HAL9000

Opining about the future of AI at the recent Brilliant Minds event at Symposium Stockholm, Google Executive Chairman Eric Schmidt rejected warnings from Elon Musk and Stephen Hawking about the dangers of AI, saying, “In the case of Stephen Hawking, although a brilliant man, he’s not a computer scientist. Elon is also a brilliant man, though he too is a physicist, not a computer scientist.”

This absurd dismissal of Musk and Hawking was in response to an absurd question about “the possibility of an artificial superintelligence trying to destroy mankind in the near future.” Schmidt went on to say, “It’s a movie. The state of the earth currently does not support any of these scenarios.”

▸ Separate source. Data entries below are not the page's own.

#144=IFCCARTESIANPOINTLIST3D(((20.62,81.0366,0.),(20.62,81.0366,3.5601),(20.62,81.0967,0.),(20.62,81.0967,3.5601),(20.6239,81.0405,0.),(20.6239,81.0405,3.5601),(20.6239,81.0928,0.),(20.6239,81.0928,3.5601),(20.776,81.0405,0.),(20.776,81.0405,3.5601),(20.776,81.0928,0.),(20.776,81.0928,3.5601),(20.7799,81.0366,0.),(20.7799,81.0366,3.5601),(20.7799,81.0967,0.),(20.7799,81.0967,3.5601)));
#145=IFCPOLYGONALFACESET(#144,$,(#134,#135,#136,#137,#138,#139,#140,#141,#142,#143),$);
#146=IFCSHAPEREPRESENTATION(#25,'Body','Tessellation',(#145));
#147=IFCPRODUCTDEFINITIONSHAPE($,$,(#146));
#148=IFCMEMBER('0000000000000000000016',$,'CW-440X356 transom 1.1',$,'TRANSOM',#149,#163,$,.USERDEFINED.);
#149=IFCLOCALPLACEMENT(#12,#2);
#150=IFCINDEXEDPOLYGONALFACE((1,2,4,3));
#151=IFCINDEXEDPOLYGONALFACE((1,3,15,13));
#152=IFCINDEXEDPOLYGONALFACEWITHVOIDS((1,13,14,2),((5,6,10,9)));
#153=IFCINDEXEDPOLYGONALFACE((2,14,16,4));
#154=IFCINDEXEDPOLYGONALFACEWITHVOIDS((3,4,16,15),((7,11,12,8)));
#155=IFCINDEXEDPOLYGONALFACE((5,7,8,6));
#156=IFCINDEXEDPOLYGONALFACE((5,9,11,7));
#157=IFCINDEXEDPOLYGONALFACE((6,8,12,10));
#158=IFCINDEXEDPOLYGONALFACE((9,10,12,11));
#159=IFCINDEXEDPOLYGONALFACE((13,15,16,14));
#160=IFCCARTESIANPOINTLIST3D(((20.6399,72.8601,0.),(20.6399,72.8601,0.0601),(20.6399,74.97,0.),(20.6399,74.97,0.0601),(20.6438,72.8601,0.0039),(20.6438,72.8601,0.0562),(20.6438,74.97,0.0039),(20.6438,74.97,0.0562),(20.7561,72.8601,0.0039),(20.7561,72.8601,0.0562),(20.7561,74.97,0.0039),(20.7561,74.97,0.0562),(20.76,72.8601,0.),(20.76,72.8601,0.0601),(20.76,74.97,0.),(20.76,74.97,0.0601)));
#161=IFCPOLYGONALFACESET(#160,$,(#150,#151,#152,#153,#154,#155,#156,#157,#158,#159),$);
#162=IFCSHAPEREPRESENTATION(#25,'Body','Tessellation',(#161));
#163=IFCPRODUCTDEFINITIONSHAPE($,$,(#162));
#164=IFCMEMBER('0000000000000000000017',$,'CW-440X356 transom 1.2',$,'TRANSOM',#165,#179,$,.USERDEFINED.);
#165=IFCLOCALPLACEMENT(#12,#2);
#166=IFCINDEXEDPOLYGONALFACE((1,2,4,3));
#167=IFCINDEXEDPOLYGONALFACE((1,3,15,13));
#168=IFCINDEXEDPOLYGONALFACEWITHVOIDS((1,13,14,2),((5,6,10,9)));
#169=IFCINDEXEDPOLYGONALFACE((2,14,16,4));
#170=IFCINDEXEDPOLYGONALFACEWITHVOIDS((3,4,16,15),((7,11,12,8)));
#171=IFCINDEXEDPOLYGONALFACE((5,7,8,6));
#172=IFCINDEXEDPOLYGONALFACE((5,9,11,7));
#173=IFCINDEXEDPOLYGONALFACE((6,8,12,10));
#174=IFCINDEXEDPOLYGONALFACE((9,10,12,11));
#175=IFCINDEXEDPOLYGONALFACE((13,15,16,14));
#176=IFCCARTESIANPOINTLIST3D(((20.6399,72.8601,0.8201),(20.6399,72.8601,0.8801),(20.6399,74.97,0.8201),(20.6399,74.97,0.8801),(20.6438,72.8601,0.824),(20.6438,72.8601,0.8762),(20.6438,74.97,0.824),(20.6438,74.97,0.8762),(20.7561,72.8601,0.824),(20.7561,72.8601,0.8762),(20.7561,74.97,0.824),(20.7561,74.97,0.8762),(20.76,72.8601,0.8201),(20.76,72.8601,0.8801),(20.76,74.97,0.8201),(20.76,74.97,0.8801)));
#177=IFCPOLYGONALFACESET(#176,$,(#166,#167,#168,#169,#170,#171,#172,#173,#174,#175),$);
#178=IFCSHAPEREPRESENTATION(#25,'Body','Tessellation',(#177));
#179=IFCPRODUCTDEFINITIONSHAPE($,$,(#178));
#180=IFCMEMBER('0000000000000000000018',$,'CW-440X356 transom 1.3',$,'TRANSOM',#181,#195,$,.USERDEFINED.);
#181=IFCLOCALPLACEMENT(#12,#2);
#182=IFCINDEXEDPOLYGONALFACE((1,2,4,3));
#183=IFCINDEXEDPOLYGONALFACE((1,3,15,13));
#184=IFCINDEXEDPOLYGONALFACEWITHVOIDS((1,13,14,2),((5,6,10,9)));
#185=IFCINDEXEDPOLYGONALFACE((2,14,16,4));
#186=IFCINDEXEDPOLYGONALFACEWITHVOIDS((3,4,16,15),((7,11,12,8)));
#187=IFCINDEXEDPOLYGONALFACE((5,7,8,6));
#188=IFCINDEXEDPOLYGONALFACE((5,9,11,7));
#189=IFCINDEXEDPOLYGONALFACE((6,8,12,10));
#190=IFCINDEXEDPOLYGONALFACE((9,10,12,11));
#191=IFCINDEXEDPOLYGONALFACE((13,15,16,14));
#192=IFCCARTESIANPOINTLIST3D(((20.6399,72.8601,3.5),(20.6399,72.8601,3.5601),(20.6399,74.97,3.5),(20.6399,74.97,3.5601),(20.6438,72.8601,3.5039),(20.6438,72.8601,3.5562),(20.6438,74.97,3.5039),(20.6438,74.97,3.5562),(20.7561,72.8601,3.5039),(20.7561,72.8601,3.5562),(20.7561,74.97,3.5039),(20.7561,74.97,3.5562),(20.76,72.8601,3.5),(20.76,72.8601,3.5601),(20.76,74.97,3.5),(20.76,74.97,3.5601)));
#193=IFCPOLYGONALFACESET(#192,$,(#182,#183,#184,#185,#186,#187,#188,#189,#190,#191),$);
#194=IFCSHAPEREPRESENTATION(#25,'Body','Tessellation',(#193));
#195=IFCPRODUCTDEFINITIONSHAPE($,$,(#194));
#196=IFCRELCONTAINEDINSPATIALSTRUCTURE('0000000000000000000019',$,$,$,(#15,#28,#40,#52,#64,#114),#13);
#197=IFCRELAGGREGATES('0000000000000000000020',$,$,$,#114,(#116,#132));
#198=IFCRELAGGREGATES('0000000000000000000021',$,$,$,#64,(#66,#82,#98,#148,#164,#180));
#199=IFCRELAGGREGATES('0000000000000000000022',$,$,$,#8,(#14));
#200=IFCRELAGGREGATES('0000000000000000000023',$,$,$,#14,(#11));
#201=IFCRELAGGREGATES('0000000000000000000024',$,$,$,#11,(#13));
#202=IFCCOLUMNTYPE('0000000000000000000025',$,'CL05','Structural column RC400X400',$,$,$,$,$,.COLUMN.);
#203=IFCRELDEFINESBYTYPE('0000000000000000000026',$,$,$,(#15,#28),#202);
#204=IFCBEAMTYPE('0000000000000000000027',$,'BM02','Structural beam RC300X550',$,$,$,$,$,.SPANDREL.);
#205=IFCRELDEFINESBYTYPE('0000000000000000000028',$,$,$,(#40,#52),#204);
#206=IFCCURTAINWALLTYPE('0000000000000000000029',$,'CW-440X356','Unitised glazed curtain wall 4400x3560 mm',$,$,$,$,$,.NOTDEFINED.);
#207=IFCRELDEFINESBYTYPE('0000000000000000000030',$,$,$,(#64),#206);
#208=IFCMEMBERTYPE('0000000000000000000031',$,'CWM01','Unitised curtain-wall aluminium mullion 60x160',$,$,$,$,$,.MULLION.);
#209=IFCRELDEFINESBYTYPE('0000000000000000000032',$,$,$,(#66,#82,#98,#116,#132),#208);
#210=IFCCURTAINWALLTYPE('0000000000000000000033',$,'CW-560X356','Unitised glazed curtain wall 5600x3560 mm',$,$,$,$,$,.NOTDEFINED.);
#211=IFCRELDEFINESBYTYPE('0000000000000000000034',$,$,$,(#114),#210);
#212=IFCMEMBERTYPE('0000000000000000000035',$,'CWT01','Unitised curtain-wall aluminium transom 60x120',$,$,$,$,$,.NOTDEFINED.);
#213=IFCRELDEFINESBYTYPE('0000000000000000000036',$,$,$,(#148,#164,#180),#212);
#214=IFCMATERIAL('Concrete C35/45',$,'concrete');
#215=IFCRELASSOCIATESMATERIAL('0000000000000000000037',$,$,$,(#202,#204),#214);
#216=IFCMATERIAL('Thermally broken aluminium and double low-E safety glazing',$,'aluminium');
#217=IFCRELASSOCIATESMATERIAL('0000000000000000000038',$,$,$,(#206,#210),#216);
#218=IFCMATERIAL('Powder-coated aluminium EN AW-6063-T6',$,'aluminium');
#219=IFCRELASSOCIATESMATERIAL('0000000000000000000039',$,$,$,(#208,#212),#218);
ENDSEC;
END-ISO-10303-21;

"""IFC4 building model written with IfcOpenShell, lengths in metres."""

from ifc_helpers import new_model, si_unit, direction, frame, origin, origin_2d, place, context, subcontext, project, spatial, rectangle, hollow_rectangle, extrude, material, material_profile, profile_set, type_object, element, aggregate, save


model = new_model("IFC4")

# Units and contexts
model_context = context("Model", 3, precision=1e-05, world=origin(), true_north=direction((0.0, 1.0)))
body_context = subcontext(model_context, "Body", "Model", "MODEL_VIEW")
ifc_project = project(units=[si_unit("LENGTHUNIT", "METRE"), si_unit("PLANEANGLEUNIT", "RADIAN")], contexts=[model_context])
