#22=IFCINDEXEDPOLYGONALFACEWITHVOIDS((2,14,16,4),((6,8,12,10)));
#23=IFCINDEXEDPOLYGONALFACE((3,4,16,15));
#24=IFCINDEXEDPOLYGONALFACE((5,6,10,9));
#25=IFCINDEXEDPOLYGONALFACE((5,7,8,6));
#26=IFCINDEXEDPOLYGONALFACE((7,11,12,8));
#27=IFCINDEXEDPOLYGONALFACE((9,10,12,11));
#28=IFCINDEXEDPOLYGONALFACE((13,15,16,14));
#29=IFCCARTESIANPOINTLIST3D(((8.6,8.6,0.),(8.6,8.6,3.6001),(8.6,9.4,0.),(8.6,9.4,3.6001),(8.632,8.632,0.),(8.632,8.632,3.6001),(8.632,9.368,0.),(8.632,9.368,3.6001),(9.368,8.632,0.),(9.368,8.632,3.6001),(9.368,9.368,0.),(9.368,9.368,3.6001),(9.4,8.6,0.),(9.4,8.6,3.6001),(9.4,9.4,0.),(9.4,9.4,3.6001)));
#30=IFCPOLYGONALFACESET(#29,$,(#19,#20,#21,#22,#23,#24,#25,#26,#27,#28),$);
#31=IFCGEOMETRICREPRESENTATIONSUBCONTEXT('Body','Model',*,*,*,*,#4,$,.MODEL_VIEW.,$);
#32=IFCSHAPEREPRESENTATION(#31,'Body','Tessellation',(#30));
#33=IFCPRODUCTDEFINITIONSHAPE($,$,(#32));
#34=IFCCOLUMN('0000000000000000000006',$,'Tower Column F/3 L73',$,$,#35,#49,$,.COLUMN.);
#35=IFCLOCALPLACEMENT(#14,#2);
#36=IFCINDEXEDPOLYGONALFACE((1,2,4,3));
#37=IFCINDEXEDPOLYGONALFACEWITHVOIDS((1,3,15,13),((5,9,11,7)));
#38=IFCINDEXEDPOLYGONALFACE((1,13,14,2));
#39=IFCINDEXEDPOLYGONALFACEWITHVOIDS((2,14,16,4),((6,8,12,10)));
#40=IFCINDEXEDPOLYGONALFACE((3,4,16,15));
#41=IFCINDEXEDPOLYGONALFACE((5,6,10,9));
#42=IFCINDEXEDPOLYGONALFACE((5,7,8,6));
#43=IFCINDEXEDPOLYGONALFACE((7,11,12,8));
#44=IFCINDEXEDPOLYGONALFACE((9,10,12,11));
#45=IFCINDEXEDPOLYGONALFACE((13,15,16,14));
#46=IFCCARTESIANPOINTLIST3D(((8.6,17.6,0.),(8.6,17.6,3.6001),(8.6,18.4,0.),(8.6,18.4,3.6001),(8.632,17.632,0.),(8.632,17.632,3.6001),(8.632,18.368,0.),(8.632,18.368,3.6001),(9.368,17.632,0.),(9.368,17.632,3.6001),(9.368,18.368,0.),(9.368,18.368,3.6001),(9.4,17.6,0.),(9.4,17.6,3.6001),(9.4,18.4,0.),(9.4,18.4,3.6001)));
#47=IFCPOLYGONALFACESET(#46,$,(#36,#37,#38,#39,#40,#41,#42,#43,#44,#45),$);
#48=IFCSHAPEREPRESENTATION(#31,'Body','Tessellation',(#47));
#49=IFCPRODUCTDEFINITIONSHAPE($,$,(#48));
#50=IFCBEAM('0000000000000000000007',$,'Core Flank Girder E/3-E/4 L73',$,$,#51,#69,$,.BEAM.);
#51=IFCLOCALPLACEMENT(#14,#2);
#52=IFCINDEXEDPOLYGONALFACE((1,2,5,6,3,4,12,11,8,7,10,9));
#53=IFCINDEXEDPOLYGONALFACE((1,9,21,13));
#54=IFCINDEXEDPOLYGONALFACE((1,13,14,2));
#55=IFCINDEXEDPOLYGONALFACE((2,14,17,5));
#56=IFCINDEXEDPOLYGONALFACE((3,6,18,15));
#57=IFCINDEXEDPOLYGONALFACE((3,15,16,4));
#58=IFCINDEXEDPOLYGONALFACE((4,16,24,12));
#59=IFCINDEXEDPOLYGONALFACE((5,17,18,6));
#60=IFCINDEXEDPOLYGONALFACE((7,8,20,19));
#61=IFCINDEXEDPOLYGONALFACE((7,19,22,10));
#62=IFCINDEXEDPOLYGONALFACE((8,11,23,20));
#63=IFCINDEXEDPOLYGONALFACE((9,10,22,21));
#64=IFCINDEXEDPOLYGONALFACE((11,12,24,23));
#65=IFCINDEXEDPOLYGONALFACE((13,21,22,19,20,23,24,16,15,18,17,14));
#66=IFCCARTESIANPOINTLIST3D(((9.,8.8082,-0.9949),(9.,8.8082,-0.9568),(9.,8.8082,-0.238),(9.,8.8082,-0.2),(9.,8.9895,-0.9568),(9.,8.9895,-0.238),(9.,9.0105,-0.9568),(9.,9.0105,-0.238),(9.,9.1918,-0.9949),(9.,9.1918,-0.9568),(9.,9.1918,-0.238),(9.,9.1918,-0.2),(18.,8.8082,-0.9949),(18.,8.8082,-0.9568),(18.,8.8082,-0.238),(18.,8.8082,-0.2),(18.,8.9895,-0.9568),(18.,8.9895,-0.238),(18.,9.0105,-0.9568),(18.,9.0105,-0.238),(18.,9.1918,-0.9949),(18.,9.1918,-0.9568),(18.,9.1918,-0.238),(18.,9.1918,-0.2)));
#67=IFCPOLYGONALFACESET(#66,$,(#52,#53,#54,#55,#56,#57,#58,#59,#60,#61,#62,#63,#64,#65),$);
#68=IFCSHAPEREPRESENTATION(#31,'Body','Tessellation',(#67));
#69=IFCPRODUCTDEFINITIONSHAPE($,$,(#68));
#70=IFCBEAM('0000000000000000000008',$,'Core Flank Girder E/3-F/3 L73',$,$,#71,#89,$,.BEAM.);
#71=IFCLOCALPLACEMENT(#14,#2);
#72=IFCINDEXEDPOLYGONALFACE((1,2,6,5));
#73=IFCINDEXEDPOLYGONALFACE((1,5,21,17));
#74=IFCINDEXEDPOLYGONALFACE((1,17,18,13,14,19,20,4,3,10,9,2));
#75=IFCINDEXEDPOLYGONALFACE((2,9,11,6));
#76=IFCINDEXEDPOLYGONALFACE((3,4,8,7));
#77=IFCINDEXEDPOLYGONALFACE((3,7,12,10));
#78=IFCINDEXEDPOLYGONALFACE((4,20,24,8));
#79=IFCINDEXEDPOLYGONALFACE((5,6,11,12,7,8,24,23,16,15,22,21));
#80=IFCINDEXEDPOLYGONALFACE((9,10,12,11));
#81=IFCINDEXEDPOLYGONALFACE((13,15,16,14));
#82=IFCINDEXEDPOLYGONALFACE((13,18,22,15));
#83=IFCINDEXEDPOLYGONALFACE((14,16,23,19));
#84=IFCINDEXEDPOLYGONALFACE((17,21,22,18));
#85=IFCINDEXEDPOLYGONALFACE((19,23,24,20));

If You Ask the Wrong Question …

Hal 9000 (2001: A Space Odyssey), WOPR (War Games) and Colossus (The Forbin Project – it’s a 70’s B-budget disaster/thriller; look it up) are all pure science fiction. One day, we might reasonably ask if it is possible for sentient computers to evolve, cop an attitude and attempt to destroy mankind. But this is not the kind of AI we should fear. As Mr. Schmidt suggests, the state of the earth currently does not support any of these scenarios.

Man/Machine Partnerships

What we should fear are motivated gangs of hackers using AI to better target unsuspecting businesses and financial institutions and, ultimately, sovereign nations. According to Eugene Kaspersky, a cybersecurity expert whose eponymously named company discovered Stuxnet and Flame32, “We are living in the middle cyberage, the dark ages of cyber.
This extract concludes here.